Вторая протока была уже, но более быстрой, шумливей первой. Грохот воды, что падала с небольшой высоты, всё ж таки заглушал и охо-ахи женщины, и птичий щебет, что мгновение назад заполнял утро зарождающего дня. Не стала долго высиживать, перекрестившись, ступила в воду.
Потом сидела на том берегу, отдыхала, согревалась, ждала, пока немного просохнет одежда. Тут же и позавтракала сухарями с вяленой рыбой. Сорвала растущую в расселине голубику, пожевала, запила водой из протоки. Сняла платок, причесалась, умыла лицо.
И вот тут вдруг нашло безразличие, такая усталость, что лень было пошевелить и пальцем. Сидела, подставив лицо ласковым солнечным лучам, только мысли стали рвать, терзать душу как когда-то, перед тем как пыталась повеситься, а потом и утопнуть в омутах.
– Господи, а если и от этого толку не будет, как жить потом и стоит ли жить? Была хоть какая-то надежда. И вот ради неё она-то и жила, держалась на этом свете. А вдруг её не станет, наступит полное разочарование? Что тогда? Может, вот тут сразу головой в холодную воду, и всё? И никто и никогда не узнает, что и где приключилось с Глафирой Гринь.
Потом всё же стала рассуждать, вспомнила про Ефима, его глаза, его слова, что говорил перед расставанием.

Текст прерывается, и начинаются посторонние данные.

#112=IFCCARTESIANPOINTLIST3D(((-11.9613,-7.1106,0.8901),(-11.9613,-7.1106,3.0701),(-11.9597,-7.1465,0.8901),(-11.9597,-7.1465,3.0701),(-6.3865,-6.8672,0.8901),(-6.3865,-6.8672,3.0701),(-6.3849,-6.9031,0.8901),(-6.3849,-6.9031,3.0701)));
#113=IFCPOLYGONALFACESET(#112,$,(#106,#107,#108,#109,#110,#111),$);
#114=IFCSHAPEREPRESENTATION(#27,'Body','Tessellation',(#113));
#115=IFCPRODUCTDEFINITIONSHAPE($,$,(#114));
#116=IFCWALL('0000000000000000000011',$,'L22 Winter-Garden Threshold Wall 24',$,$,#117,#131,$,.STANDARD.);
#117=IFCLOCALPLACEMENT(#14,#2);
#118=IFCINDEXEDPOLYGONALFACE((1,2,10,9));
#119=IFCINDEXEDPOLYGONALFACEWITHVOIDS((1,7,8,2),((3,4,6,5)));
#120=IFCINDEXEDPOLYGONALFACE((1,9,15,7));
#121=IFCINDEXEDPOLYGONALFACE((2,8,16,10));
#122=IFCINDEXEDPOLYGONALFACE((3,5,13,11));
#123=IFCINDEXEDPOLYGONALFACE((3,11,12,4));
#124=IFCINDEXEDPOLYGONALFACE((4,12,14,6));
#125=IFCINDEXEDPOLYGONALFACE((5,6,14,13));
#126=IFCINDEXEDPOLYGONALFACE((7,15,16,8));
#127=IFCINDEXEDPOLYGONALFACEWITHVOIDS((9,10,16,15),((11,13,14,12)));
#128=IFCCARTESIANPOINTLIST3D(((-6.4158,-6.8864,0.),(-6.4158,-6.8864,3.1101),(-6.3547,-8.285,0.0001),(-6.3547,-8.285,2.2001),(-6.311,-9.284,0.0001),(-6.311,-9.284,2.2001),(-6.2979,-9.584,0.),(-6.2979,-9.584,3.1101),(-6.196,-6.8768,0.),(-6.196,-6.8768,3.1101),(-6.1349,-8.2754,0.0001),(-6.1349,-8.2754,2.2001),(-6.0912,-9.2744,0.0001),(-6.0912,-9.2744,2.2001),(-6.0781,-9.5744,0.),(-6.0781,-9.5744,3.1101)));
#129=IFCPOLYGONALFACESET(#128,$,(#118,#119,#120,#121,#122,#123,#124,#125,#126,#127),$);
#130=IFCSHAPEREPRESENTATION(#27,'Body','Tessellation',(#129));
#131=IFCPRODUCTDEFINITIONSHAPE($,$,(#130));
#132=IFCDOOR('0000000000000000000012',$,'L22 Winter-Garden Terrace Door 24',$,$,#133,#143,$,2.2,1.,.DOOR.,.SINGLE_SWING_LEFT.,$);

– Выходит, мало того, что ты не родила ему ребёнка, так ещё хочешь заставить страдать лишний раз, по лишнему поводу? Неужели так и будет жить один, бобылём? Терзаться душой и сердцем от неизвестности за пропавшую жену? И почему ж ты зла желаешь мужу своему? – и упрекала, и корила себя одновременно.
Она знает мужа, верит ему. Вон сколько раз он мог бы бросить её, уйти к другой женщине, ан нет, не бросил. А ты ему что в знак благодарности? Или хотя бы своё присутствие, и то, слава Богу, для мужика, что жена цела, невредима. Или оставшуюся жизнь жить с тяжкими думами, томиться неизвестностью?
– Вот дура так дура! – одёрнула себя Глаша. – Это столько пройти, натерпеться. А тут в конце… Вот дура!
Узкая, еле заметная тропка петляла между сосен, бежала по скалам, поднималась куда-то ввысь. Но вот ветер донёс до женщины еле уловимый запах дыма.